Hours later I was down a rabbit hole trying to find out how much the Brunswick flats would have sold for in the 1980s. I bought and downloaded various title registers but drew a blank. (Thank you to all the paid-up subscribers for funding this, even though it ended up being a waste of £12, it seemed justified in the name of ‘proper research’.) The earliest sale I could find was a one-bedroom flat in 1997, which sold for £97,000—but whether that would have included the Right to Buy discount, I don’t know. Compared to today’s prices, the flats must have been cheap.
I’m old enough to remember the Brunswick before its makeover in 2006. It’s hard to imagine just how different this Grade II listed scheme in Bloomsbury felt before then. I remember the first time encountered it in the late ’90s. I stumbled across it whilst cycling from town back to the Barbican. I’d never heard of it or seen it before, and I was completely blown away by its bold concrete ziggurat form.
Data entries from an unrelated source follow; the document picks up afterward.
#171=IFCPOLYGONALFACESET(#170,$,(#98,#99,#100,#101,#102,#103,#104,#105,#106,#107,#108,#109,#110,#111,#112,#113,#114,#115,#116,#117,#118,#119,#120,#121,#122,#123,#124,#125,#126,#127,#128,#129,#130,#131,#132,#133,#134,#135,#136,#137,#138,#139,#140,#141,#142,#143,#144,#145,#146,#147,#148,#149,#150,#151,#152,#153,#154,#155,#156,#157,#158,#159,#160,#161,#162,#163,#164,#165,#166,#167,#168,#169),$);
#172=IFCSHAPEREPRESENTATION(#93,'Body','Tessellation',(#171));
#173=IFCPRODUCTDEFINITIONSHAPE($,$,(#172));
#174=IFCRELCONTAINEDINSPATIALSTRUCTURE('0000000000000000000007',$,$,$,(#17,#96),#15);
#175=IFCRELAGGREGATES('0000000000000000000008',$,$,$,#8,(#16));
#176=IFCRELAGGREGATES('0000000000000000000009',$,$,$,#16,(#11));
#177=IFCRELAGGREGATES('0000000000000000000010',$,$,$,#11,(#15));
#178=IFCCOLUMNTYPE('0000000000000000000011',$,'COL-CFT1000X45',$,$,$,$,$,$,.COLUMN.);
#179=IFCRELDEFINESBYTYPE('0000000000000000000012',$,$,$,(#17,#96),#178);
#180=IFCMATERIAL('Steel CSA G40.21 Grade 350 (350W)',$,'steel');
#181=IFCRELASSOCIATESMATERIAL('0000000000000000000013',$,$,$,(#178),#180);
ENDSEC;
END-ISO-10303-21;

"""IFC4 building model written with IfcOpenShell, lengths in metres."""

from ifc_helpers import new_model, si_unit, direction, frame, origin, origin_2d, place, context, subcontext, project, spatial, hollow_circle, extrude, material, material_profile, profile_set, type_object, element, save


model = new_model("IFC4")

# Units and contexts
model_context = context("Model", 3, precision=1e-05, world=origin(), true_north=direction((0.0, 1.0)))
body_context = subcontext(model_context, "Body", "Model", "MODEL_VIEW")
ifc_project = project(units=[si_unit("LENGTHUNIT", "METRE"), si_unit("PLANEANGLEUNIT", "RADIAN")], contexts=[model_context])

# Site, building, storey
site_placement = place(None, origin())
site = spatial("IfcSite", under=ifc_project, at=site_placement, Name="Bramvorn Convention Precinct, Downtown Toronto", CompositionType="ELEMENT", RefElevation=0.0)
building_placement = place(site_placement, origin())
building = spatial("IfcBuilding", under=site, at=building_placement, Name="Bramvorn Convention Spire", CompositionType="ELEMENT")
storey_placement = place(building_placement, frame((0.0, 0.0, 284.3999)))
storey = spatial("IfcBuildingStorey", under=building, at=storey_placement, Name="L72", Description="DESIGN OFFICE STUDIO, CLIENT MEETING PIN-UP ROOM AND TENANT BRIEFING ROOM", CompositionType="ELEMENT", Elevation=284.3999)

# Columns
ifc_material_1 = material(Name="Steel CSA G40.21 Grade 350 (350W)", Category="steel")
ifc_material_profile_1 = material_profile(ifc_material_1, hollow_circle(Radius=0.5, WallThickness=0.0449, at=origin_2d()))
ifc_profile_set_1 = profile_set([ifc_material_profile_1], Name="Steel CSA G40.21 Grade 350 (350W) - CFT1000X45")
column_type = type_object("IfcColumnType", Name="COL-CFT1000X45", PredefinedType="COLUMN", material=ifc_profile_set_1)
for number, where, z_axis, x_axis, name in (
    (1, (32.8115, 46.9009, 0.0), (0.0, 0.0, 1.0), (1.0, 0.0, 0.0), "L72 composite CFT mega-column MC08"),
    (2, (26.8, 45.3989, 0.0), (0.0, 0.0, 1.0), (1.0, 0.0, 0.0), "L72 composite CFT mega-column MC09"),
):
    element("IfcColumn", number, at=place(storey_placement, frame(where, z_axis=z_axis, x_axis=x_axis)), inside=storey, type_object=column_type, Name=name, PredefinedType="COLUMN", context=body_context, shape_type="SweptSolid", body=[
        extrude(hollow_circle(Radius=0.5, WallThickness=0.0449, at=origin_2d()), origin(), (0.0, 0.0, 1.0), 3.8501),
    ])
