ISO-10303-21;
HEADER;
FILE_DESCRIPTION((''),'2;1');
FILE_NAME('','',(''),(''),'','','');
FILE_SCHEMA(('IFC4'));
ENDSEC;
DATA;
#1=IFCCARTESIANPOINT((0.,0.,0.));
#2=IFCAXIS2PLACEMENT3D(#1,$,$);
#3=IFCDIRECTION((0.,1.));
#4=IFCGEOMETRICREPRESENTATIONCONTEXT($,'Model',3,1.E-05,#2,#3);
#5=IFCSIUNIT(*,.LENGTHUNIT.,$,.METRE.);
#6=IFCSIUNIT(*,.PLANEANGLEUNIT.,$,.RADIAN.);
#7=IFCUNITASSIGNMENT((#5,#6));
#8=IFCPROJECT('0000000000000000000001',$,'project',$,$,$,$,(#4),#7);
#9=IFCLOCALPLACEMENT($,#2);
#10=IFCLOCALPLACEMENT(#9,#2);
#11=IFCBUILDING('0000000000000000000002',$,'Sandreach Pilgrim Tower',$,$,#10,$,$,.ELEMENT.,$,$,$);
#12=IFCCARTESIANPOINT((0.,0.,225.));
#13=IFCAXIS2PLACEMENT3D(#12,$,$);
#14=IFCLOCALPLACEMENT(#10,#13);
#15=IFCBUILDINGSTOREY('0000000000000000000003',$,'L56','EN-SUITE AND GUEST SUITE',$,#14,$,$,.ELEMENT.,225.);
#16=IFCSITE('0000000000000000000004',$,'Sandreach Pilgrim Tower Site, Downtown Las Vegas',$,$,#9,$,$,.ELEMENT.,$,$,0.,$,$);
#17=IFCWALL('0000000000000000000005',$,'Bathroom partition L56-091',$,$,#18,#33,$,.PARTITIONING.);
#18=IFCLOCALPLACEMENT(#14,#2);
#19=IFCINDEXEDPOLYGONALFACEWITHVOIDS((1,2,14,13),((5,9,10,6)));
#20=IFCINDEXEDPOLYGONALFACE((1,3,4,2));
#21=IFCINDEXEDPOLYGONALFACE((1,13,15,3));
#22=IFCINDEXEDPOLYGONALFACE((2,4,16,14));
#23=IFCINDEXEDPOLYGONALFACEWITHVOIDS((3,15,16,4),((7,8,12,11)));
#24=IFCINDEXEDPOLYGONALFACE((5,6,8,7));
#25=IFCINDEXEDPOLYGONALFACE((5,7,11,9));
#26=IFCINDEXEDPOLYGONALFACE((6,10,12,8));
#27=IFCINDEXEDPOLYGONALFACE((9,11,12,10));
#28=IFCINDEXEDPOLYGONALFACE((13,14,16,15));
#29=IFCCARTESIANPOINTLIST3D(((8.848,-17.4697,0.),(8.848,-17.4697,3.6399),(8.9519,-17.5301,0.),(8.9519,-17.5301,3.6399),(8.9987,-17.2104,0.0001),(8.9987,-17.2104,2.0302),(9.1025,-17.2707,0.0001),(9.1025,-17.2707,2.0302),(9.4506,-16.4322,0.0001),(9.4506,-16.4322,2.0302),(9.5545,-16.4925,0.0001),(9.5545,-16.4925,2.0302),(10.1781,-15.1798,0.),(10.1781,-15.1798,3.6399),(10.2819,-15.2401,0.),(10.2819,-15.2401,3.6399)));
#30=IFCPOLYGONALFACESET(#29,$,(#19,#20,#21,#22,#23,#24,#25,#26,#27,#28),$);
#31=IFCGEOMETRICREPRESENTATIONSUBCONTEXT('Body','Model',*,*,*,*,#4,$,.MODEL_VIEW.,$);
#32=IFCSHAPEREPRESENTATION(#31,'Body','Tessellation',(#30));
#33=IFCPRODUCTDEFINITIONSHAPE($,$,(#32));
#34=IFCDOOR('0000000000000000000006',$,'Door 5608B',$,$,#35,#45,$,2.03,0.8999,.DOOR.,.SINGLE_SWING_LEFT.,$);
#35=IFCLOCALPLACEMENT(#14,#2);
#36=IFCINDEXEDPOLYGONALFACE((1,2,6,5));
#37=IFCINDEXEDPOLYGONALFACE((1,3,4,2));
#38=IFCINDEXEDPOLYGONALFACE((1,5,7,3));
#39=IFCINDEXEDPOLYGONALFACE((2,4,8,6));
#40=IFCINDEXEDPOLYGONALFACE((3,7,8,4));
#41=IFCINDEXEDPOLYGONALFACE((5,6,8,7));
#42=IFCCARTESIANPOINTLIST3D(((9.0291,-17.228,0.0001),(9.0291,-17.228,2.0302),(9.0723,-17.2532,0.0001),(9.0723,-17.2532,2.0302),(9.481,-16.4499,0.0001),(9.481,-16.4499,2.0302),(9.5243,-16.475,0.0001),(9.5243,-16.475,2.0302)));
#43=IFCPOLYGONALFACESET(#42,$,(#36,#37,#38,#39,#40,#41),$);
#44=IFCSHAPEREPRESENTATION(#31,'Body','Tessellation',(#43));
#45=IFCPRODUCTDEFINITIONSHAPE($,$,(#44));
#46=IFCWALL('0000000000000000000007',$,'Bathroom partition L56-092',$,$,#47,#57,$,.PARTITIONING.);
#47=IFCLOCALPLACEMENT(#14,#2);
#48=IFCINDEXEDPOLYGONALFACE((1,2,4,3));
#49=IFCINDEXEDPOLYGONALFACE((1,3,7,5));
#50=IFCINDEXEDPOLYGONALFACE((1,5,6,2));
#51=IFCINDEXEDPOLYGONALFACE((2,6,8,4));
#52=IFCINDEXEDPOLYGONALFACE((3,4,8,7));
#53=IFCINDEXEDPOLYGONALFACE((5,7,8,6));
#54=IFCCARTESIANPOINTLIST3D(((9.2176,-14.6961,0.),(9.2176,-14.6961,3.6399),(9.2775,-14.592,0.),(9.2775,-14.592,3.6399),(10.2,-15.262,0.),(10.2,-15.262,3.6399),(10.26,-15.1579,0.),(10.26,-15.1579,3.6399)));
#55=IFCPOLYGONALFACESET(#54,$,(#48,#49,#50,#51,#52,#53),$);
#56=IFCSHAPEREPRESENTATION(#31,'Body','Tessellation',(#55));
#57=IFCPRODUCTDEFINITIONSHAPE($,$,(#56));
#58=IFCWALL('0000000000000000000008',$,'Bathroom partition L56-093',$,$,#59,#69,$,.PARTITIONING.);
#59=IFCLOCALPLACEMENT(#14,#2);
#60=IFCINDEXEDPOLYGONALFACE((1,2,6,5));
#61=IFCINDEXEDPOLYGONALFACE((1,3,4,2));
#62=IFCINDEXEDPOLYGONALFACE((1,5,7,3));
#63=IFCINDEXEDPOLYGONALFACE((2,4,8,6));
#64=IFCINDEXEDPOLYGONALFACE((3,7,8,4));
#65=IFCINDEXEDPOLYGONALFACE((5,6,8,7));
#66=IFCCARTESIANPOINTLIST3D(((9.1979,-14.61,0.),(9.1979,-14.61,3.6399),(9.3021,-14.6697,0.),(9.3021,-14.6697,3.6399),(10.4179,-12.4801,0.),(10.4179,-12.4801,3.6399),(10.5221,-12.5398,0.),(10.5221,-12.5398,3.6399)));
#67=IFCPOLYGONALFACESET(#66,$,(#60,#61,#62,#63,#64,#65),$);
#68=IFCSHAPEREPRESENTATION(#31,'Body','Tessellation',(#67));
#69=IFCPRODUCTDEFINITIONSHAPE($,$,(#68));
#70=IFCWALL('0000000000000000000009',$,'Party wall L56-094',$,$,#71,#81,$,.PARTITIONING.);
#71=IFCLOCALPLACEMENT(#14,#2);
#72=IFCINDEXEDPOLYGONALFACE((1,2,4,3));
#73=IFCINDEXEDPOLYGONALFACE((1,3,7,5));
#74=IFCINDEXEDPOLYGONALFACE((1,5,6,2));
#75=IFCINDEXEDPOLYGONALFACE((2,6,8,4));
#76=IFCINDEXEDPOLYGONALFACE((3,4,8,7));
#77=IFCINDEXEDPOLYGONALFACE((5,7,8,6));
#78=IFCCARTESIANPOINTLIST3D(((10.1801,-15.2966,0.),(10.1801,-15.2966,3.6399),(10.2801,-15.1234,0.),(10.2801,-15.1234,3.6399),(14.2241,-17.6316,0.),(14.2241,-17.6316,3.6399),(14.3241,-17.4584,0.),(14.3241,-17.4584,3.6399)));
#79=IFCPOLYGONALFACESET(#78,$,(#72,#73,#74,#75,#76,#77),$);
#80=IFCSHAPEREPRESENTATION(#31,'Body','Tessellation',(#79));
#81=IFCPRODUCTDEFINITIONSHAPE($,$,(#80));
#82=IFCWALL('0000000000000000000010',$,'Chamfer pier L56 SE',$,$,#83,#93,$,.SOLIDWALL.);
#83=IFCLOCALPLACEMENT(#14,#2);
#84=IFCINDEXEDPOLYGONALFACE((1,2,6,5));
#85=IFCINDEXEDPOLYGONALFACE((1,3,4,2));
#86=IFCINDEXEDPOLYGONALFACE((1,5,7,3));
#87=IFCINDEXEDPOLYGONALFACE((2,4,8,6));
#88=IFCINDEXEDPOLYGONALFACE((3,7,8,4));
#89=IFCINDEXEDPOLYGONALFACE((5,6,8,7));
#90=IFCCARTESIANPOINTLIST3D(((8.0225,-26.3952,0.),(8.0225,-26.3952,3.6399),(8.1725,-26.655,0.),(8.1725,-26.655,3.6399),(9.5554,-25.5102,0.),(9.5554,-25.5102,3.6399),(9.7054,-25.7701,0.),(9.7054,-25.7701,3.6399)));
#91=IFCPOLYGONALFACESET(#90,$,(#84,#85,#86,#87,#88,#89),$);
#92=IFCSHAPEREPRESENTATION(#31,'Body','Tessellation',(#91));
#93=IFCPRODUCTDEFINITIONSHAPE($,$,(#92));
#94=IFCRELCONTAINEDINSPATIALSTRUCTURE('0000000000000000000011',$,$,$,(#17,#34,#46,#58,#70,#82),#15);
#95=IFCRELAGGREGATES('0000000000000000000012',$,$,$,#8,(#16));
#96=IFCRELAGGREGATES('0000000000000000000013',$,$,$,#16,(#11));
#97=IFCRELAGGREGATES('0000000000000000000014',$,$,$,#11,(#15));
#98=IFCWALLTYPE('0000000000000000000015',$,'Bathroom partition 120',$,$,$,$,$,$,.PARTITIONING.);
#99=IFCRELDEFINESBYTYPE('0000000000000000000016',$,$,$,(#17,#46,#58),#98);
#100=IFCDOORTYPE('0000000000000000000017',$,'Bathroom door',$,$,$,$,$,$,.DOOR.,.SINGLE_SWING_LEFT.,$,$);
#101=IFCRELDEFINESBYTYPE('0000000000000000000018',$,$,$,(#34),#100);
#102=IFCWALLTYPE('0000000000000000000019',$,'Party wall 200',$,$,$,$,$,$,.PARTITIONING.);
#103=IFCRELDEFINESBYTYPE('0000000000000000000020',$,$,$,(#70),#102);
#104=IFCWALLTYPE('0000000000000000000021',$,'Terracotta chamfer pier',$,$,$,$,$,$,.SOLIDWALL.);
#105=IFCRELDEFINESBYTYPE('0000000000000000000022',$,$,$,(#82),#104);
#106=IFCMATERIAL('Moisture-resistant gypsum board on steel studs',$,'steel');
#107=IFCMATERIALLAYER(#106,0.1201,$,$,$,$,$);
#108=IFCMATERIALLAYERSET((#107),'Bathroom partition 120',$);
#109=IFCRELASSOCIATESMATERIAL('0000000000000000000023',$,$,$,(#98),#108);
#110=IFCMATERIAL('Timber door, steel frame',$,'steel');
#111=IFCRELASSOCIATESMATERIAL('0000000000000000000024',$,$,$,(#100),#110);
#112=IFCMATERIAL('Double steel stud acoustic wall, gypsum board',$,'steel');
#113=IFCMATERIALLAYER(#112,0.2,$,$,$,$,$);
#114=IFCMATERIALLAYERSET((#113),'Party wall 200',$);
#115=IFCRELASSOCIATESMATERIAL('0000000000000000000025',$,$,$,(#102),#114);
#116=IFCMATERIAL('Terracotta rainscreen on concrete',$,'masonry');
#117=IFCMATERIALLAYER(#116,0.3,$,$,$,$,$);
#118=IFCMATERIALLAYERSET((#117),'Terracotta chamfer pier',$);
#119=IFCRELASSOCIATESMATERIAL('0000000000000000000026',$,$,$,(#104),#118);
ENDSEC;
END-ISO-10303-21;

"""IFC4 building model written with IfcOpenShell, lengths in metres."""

from ifc_helpers import new_model, si_unit, direction, frame, frame_2d, origin, place, context, subcontext, project, spatial, rectangle, extrude, material, layer, layer_set, type_object, element, fill, save


model = new_model("IFC4")

# Units and contexts
model_context = context("Model", 3, precision=1e-05, world=origin(), true_north=direction((0.0, 1.0)))
body_context = subcontext(model_context, "Body", "Model", "MODEL_VIEW")
ifc_project = project(units=[si_unit("LENGTHUNIT", "METRE"), si_unit("PLANEANGLEUNIT", "RADIAN")], contexts=[model_context])

# Site, building, storey
site_placement = place(None, origin())
site = spatial("IfcSite", under=ifc_project, at=site_placement, Name="Sandreach Pilgrim Tower Site, Downtown Las Vegas", CompositionType="ELEMENT", RefElevation=0.0)
building_placement = place(site_placement, origin())
building = spatial("IfcBuilding", under=site, at=building_placement, Name="Sandreach Pilgrim Tower", CompositionType="ELEMENT")
storey_placement = place(building_placement, frame((0.0, 0.0, 225.0)))
storey = spatial("IfcBuildingStorey", under=building, at=storey_placement, Name="L56", Description="EN-SUITE AND GUEST SUITE", CompositionType="ELEMENT", Elevation=225.0)

# Shared definitions
ifc_material_1 = material(Name="Moisture-resistant gypsum board on steel studs", Category="steel")
ifc_layer_1 = layer(ifc_material_1, 0.1201)
ifc_layer_set_1 = layer_set([ifc_layer_1], Name="Bathroom partition 120")
wall_type_1 = type_object("IfcWallType", Name="Bathroom partition 120", PredefinedType="PARTITIONING", material=ifc_layer_set_1)

# Wall, opening, door
wall_1_placement = place(storey_placement, frame((8.8999, -17.5, 0.0), z_axis=(0.0, 0.0, 1.0), x_axis=(0.502242, 0.864727, 0.0)))
wall_1 = element("IfcWall", 1, at=wall_1_placement, inside=storey, type_object=wall_type_1, Name="Bathroom partition L56-091", PredefinedType="PARTITIONING", context=body_context, shape_type="SweptSolid", body=[
    extrude(rectangle(XDim=2.6482, YDim=0.1201, at=frame_2d((1.3242, 0.0))), origin(), (0.0, 0.0, 1.0), 3.6399),
])
opening_placement = place(wall_1_placement, frame((0.3, 0.0, 0.0)))
opening = element("IfcOpeningElement", 2, at=opening_placement, cuts=wall_1, PredefinedType="OPENING", context=body_context, shape_type="SweptSolid", body=[
    extrude(rectangle(XDim=0.8999, YDim=2.03, at=frame_2d((0.45, 1.0151))), frame((0.0, 0.0601, 0.0), z_axis=(0.0, -1.0, 0.0), x_axis=(1.0, 0.0, 0.0)), (0.0, 0.0, 1.0), 0.1201),
])
ifc_material_2 = material(Name="Timber door, steel frame", Category="steel")
door_type = type_object("IfcDoorType", Name="Bathroom door", OperationType="SINGLE_SWING_LEFT", PredefinedType="DOOR", material=ifc_material_2)
door_placement = place(opening_placement, origin())
door = element("IfcDoor", 3, at=door_placement, inside=storey, type_object=door_type, Name="Door 5608B", OperationType="SINGLE_SWING_LEFT", OverallHeight=2.03, OverallWidth=0.8999, PredefinedType="DOOR", context=body_context, shape_type="SweptSolid", body=[
    extrude(rectangle(XDim=0.8999, YDim=2.03, at=frame_2d((0.45, 1.0151))), frame((0.0, 0.0249, 0.0), z_axis=(0.0, -1.0, 0.0), x_axis=(1.0, 0.0, 0.0)), (0.0, 0.0, 1.0), 0.05),
])
fill(opening, door)

# Walls
wall_2_placement = place(storey_placement, frame((9.2476, -14.644, 0.0), z_axis=(0.0, 0.0, 1.0), x_axis=(0.866515, -0.499151, 0.0)))
element("IfcWall", 4, at=wall_2_placement, inside=storey, type_object=wall_type_1, Name="Bathroom partition L56-092", PredefinedType="PARTITIONING", context=body_context, shape_type="SweptSolid", body=[
    extrude(rectangle(XDim=1.1338, YDim=0.1201, at=frame_2d((0.5669, 0.0))), origin(), (0.0, 0.0, 1.0), 3.6399),
])
wall_3_placement = place(storey_placement, frame((9.25, -14.6399, 0.0), z_axis=(0.0, 0.0, 1.0), x_axis=(0.497028, 0.867735, 0.0)))
element("IfcWall", 5, at=wall_3_placement, inside=storey, type_object=wall_type_1, Name="Bathroom partition L56-093", PredefinedType="PARTITIONING", context=body_context, shape_type="SweptSolid", body=[
    extrude(rectangle(XDim=2.4546, YDim=0.1201, at=frame_2d((1.2273, 0.0))), origin(), (0.0, 0.0, 1.0), 3.6399),
])
ifc_material_3 = material(Name="Double steel stud acoustic wall, gypsum board", Category="steel")
ifc_layer_2 = layer(ifc_material_3, 0.2)
ifc_layer_set_2 = layer_set([ifc_layer_2], Name="Party wall 200")
wall_type_2 = type_object("IfcWallType", Name="Party wall 200", PredefinedType="PARTITIONING", material=ifc_layer_set_2)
The story of how this low-rise megastructure came to be realised is a turbulent one. In 1960, the developers, Marchmont Properties, commissioned Leslie Martin and Patrick Hodgkinson to draw up a scheme that would include housing, shops, restaurants, offices, and car parking, with a height restriction of 80 feet. Elegant Georgian terraces were torn down to make way for the new development. By 1963, the final plans were drawn up, which included luxury housing in two parallel rows, harking back to the houses that originally stood on the site, with a shopping precinct between them. The housing units were made up of a variety of sizes to accommodate the widest range of possible tenants, from single professionals to families (similar to the Barbican). Two years later, however, due to various financial setbacks, major compromises to the scheme had to be made, including, crucially, the housing element—which was taken over by Camden Borough Council. The units were simplified and standardised to mostly two-bedroom flats (the council thought the area unsuitable for families), with a few one-bedroom and three-bedroom units—although I’ve never seen the latter. Various other budget constraints and compromises eventually led Hodgkinson to resign from the project.
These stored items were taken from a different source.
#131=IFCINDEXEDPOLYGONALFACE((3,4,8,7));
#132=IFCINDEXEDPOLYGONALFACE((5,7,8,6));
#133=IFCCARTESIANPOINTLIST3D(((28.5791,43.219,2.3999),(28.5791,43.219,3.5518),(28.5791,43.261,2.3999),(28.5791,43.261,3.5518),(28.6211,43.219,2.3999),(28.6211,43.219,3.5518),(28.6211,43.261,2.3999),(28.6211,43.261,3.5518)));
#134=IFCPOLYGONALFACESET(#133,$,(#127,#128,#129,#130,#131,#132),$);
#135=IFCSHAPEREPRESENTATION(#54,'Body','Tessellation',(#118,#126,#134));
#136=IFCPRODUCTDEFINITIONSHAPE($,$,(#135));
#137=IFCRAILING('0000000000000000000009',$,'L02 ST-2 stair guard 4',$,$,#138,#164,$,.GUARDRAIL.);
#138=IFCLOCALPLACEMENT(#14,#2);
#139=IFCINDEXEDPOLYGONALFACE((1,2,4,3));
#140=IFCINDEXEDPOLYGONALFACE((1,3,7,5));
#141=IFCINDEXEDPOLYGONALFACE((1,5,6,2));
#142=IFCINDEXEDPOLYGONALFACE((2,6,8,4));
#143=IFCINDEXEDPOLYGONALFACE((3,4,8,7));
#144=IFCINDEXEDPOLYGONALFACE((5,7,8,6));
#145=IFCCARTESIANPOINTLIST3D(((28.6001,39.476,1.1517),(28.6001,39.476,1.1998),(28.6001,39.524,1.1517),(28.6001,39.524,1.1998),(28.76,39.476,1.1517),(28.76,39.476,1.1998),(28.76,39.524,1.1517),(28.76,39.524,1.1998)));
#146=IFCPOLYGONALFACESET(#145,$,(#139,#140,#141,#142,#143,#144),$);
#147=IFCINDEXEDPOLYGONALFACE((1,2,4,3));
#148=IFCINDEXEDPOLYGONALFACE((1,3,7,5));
By the mid-1990s the place felt very run down but it was still striking. I remember thinking ‘What the hell is this place?!’. It was as if the whole thing had just landed from space. It felt futuristic and dystopian. I recall seeing the cinema (now a Curzon and one of my favourites) and a large but down-at-heel Safeway’s supermarket (now a Waitrose), but barely anything else there, including people.
In 1998 its fortunes changed when it was sold to the developer Allied London Properties. They invited Hodgkinson back to return to the scheme and improve it. In turn, he invited Levitt Bernstein to work with him on the project1. By 2006 the makeover was complete, the retail element was greatly improved and the stained concrete finally painted a crisp white—as Hodginkson had originally intended. The average price of a two-bedroom flat in the Brunswick in 2005 was £315,000, a year later, after the makeover, they jumped by a whopping £105,000 to £420,000. Today they are closer to £1,000,000.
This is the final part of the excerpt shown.